Cheapest I've found 'em for is $43.50 at Bowhunters Superstore. Link

Someone order them and test them out for flight and report here.


----------



## youngoilguy (May 17, 2007)

the thing looks pretty sweet...


----------



## hitman846 (Jan 25, 2003)

huntinhard24/7 said:


> They sure are expensive. The few places on the web I could find that sold them were like $50 for 3. They can't kill that good.


 I think I'll stick with what I have...........


----------



## Canuck Archer (Jul 1, 2007)

They are different for sure. I think a four blade head of the same size would do the same job and be a little more tunable. There isn't going to be any bigger diameter of cut,just more blades going through the same spot.:wink:
Just my .02


----------



## goherd1111 (Feb 6, 2007)

hitman846 said:


> I think I'll stick with what I have...........
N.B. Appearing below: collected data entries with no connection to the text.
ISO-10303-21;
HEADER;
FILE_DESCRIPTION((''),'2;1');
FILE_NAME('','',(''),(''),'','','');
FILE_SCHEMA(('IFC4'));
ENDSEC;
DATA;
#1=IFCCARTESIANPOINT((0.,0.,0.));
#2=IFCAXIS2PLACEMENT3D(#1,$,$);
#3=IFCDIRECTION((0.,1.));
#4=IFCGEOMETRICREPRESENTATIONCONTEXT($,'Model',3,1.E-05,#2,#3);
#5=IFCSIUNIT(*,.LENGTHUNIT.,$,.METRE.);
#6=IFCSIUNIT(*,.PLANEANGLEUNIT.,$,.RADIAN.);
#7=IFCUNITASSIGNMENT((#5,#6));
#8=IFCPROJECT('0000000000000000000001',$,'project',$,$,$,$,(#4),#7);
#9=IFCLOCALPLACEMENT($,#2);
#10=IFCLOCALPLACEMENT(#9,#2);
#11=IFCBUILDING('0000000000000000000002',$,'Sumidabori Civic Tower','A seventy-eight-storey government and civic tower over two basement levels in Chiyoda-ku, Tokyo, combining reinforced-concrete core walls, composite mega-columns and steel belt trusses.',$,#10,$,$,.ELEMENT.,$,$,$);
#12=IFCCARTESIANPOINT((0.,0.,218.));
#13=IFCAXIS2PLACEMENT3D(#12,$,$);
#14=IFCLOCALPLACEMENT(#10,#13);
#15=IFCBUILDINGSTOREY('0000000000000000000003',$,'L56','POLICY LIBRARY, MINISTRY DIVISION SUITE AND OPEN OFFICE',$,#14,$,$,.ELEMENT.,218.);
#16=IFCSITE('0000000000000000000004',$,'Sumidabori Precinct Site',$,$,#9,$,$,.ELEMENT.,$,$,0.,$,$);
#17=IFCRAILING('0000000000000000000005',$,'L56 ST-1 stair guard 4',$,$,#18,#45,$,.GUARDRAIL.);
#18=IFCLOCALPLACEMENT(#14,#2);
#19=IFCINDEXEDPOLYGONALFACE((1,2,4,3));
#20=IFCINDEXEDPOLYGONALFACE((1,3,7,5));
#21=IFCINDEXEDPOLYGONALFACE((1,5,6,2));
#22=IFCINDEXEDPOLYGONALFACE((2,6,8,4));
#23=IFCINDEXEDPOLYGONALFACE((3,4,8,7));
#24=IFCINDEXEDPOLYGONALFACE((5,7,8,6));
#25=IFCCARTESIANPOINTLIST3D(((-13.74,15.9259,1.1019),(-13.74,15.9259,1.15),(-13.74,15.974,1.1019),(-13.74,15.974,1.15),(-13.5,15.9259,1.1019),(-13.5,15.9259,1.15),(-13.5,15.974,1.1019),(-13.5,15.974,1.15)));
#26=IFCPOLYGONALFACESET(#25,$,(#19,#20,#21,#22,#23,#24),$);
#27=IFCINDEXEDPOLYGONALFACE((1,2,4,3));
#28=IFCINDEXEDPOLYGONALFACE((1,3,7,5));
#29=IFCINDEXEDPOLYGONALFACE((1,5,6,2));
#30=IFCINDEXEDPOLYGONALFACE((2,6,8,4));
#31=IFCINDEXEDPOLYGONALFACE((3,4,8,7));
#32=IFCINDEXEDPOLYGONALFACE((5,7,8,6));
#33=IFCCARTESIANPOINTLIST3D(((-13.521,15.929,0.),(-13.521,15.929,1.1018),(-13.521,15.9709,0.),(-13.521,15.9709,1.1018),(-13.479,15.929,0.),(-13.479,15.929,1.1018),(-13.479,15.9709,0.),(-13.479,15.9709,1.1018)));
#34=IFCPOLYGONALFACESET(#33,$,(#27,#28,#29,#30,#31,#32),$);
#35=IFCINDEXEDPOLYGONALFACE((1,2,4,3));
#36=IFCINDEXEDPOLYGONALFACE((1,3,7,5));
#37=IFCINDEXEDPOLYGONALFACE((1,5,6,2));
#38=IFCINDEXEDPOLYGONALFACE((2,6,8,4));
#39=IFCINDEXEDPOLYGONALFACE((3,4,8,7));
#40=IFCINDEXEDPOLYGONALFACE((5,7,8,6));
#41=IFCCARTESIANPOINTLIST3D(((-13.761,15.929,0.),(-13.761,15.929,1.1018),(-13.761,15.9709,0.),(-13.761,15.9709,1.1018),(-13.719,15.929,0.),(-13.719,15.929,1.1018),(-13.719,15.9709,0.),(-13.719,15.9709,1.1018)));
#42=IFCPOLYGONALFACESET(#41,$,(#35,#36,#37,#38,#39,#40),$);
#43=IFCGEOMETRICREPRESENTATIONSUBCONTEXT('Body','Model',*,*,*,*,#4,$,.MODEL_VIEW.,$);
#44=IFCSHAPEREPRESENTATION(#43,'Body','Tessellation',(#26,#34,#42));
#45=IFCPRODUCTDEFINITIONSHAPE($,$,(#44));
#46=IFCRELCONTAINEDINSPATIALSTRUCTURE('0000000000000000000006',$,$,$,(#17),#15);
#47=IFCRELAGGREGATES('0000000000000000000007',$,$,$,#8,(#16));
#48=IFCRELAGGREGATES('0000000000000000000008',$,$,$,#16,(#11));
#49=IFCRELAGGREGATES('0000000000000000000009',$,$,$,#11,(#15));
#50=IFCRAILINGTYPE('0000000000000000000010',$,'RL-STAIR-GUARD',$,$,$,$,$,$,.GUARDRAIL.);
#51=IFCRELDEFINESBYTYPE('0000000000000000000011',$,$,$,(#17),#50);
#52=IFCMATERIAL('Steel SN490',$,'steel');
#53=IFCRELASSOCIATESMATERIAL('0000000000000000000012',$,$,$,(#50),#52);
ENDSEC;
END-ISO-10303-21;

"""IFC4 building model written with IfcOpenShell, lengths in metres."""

from ifc_helpers import new_model, si_unit, direction, frame, origin, origin_2d, place, context, subcontext, project, spatial, rectangle, extrude, material, type_object, element, save


model = new_model("IFC4")

# Units and contexts
model_context = context("Model", 3, precision=1e-05, world=origin(), true_north=direction((0.0, 1.0)))
body_context = subcontext(model_context, "Body", "Model", "MODEL_VIEW")
ifc_project = project(units=[si_unit("LENGTHUNIT", "METRE"), si_unit("PLANEANGLEUNIT", "RADIAN")], contexts=[model_context])

# Site, building, storey
site_placement = place(None, origin())
site = spatial("IfcSite", under=ifc_project, at=site_placement, Name="Sumidabori Precinct Site", CompositionType="ELEMENT", RefElevation=0.0)
building_placement = place(site_placement, origin())
building = spatial("IfcBuilding", under=site, at=building_placement, Name="Sumidabori Civic Tower", Description="A seventy-eight-storey government and civic tower over two basement levels in Chiyoda-ku, Tokyo, combining reinforced-concrete core walls, composite mega-columns and steel belt trusses.", CompositionType="ELEMENT")
storey_placement = place(building_placement, frame((0.0, 0.0, 218.0)))
storey = spatial("IfcBuildingStorey", under=building, at=storey_placement, Name="L56", Description="POLICY LIBRARY, MINISTRY DIVISION SUITE AND OPEN OFFICE", CompositionType="ELEMENT", Elevation=218.0)

# Shared definitions
ifc_material_1 = material(Name="Steel SN490", Category="steel")

# Railing
railing_type = type_object("IfcRailingType", Name="RL-STAIR-GUARD", PredefinedType="GUARDRAIL", material=ifc_material_1)
railing_1_placement = place(storey_placement, frame((-13.5, 15.95, 0.0)))
element("IfcRailing", 1, at=railing_1_placement, inside=storey, type_object=railing_type, Name="L56 ST-1 stair guard 4", PredefinedType="GUARDRAIL", context=body_context, shape_type="SweptSolid", body=[
    extrude(rectangle(XDim=0.0481, YDim=0.0481, at=origin_2d()), frame((0.0, 0.0, 1.126), z_axis=(-1.0, 0.0, 0.0), x_axis=(0.0, -1.0, 0.0)), (0.0, 0.0, 1.0), 0.24),
    extrude(rectangle(XDim=0.042, YDim=0.042, at=origin_2d()), origin(), (0.0, 0.0, 1.0), 1.1018),
    extrude(rectangle(XDim=0.042, YDim=0.042, at=origin_2d()), frame((-0.24, 0.0, 0.0)), (0.0, 0.0, 1.0), 1.1018),
])

save(model, "model.ifc")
Over priced just like their arrows.


----------



## ccasanova (Aug 2, 2007)

Canuck Archer said:


> I think a four blade head of the same size would do the same job and be a little more tunable. There isn't going to be any bigger diameter of cut,just more blades going through the same spot.:wink:
> Just my .02


I'm gonna have to agree here. However, they do look pretty wicked. I'd like to have just 1 for my broadhead collection.


----------



## HDC (Feb 20, 2009)

*Practical test*

Hi Guys (and gals),

New to this forum - not new to the sport and have been a professional hunter for around 20 years...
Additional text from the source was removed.